“Hey, I got my own fuckin’ problems.” – Paulie Walnuts
That’s a rude introduction to “The Shadow in the Shade,” but Sy Ari Da Kid doesn’t have the time for BS, which makes the sample a perfect choice. For those who haven’t been following his 10+ year hustle on the independent grind here’s a quick summary — name: Sy Ari Brockington, age: 36, born in The Bronx but moved to Atlanta at nine. Sy has put one or two releases since 2011, and in 2020 as the pandemic was raging he released FOUR. There’s probably more than that, but there’s four that I know of, but I don’t put it past Sy to have a few I never even saw. He’s relentless. Some rappers sprint to the tape but Sy is running a marathon with no finish line in sight. He just keeps going.
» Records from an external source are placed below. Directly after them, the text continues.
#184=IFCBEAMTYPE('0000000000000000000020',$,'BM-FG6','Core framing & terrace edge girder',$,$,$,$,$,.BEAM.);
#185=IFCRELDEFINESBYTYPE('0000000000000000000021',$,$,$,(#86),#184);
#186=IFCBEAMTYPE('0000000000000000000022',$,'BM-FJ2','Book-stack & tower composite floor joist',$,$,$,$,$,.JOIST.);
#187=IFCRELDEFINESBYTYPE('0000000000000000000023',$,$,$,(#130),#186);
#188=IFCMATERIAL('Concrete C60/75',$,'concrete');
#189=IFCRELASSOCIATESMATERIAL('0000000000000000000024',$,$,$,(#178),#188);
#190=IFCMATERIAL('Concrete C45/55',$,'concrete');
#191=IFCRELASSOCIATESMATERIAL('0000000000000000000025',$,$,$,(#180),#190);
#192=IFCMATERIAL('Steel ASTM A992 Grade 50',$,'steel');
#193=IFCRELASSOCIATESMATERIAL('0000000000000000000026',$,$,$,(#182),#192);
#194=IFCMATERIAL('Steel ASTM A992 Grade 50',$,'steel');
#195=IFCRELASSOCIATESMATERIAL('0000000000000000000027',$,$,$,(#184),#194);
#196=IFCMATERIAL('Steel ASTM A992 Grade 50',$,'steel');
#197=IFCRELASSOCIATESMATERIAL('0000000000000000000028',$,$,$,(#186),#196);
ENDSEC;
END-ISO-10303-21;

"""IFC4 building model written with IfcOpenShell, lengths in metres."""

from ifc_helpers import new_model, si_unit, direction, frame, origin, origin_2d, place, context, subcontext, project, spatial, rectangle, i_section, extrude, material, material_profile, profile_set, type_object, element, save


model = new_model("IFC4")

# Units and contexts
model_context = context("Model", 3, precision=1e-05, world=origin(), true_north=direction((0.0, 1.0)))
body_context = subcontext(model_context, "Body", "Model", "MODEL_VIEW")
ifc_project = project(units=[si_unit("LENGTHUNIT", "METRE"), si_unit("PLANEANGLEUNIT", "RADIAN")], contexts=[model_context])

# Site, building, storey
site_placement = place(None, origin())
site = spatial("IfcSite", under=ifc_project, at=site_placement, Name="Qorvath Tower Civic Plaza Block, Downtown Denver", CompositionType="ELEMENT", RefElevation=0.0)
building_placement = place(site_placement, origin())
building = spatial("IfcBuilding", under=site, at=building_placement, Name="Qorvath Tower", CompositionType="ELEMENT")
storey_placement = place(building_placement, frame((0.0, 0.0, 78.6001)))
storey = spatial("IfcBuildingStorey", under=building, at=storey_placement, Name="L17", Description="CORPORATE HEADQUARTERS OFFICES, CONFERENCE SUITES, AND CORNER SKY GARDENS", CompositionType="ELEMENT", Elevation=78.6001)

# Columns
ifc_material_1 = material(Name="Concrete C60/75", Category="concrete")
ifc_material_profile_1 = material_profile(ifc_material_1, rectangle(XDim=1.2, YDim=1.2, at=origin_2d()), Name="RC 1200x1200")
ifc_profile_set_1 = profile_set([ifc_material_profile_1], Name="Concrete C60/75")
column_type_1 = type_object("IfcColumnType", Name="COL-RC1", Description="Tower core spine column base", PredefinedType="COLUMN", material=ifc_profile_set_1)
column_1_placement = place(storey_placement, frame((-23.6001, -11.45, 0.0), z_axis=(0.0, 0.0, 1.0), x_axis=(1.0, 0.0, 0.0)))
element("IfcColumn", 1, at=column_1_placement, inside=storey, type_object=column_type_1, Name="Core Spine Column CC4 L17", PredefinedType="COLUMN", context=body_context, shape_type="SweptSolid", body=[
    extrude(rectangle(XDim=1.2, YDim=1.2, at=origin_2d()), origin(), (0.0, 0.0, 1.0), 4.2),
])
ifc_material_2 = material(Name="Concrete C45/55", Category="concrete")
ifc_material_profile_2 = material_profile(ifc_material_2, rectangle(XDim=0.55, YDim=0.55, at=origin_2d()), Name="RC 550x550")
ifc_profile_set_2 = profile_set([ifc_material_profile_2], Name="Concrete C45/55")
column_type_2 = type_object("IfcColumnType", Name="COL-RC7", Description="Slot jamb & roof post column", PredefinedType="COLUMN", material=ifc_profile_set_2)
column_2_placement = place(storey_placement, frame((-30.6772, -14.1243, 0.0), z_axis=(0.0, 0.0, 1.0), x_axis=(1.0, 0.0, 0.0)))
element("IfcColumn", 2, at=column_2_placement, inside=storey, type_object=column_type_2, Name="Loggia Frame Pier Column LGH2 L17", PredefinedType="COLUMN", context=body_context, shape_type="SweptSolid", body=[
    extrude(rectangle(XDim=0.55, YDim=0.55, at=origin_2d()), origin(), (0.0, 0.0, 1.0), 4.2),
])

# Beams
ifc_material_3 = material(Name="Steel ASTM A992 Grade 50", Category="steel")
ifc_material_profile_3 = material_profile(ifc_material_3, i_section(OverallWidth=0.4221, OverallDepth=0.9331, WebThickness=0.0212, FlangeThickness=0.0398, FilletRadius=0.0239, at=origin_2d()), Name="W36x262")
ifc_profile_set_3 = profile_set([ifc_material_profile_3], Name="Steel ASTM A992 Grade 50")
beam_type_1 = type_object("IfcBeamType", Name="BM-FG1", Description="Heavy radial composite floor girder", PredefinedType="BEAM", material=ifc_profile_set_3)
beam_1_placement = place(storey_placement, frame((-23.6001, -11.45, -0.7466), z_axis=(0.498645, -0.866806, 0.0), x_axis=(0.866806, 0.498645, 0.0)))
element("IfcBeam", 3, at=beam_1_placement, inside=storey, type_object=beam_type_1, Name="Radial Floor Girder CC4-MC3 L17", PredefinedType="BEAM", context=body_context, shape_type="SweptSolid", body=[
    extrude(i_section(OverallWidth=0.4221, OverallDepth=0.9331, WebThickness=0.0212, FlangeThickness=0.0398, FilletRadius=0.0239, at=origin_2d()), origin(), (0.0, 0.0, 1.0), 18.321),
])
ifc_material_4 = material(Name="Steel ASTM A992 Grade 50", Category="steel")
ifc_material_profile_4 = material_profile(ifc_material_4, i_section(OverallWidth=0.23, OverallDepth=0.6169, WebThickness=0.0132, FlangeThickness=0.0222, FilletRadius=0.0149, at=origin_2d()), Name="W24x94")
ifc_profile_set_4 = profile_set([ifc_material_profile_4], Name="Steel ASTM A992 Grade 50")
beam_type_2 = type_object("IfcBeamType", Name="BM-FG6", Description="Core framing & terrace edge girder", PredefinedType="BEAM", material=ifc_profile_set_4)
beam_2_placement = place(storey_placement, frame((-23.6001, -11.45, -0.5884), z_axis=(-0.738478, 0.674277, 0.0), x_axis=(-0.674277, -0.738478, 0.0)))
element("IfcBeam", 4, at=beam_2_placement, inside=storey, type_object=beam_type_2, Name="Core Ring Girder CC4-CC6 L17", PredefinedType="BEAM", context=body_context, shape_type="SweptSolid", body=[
“The Good Middle Man” illustrates the thought he puts into everything — even the illicit hustles he tells stories about. “Don’t talk business on the phone, we knew someone was listening” and “no social media posts, them new school young’uns be tripping” are his rules for success. Every move is as calculated and precise as a chess grandmaster, and his tolerance for stupidity or disrespect is low. “When Walmart sellin’ chips, you buy ’em right? Shut up nigga. Let me ask you somethin’ nigga — when the last time you bought Doritos from Doritos? Oh now you can’t say nothin’ nigga? I thought so.” If you didn’t know why the “middle man” matters, you certainly will by the end of the song. Like Nino Brown once said, “Ain’t no uzis made in Harlem. I mean, not one of us in here owns a poppy field.”
It should already be clear that I respect a lot of things about Sy. He spits bars with precision and intent. There’s no showing up in the studio loaded, mumbling and freestyling until he passes out. He’s a single father and he thinks about family and relationships a lot, something you can hear on remarkably honest songs like “Lock the Bottom Lock” and “A Gem.” At times though this means I don’t agree with his perspective. On “Soul Food” Sy raps “I said if Kanye gotta ask for permission to see his daughter/on her birthday, why they don’t want her to see her father?/I wonder — four billion dollars, he made history/But ’til he can see his kids when he wants, he ain’t rich to me.”
I get that’s a father talking to another father but he’s also stepping into a quagmire by opining about a very complex and troubled relationship between ‘Ye and Kim. I think he’s both oversimplifying the matter and overstating Yeezy’s finances, and completely fails to acknowledge that ‘Ye has mental health issues. They’re not hidden — he professes undying love for Kim one minute then makes death threats to her boyfriend the next. I don’t pretend to know what’s going on in his mind but I also don’t think it’s inappropriate given his track record to have to ask for permission to see his kids either. In any case I think both Sy and I should stay the hell out of their business and pray they can work it out in an actual court rather than the court of public opinion they are routinely tried in.
Perhaps it’s not surprising that Sypooda produced songs like “Real Recognize Real” featuring JR Writer sound like they were produced by Kanye West. Writer’s cameo also reflects a strange approach to guest starts on “The Shadow in the Shade.” I mean this as politely as I can say it, but Sy is beyond reaching out to people from DipSet, G-Unit, and Wu-Tang Clan. He made his own lane over the last decade and doesn’t need the help of artists two generations before him. “RZA let me join the Wu-Tang Clan, and DJ Premier said I was the emcee of the year.” Sure. I mean that’s the kind of thing you’d say to brag, and I’m not mad at hearing Raekwon on “A Dream, A Plan” alongside Big K.R.I.T., but he doesn’t need it.
The longer you look at the album the more it feels like a mixtape from the 2000’s in 2022. Jadakiss? T.I.? Bumpy Knuckles a/k/a Freddie Foxxx? When the most “modern” cameos you have are from Mickey Factz and Benny the Butcher, both of whom are older chronologically than Brockington, it wouldn’t be untrue to say he’s living in the past. When Sy Ari Da Kid is so good at kicking the truth to the young black youth, I’d like to see him actually collaborate with those same kids, because “Da Kid” can teach more seeds than just his own that life as a shorty shouldn’t be so rough.
None of this should be taken as me not liking “The Shadow in the Shade.” I think it’s a fine album. It’s a bit excessive at 21 tracks long, but that’s a proper album compared to the sub-20 minute releases I’ve become accustomed to. In truth Sy’s whole career has been nothing exceeds like excess, given that whole “multiple albums a year” thing he’s known for. Whether or not I think he (or everybody else) should stay out of Kim-Ye’s business, I respect his opinion right along with his hustle and lyricism. In fact if I have a complaint about Sy it’s that he’s too good to be stuck in a lane where he’s only fucking with people from the past over comfortably familiar beats. This is grown man rap so if that’s your vibe Sy Ari Da Kid will quickly prove to you he’s not a kid any more.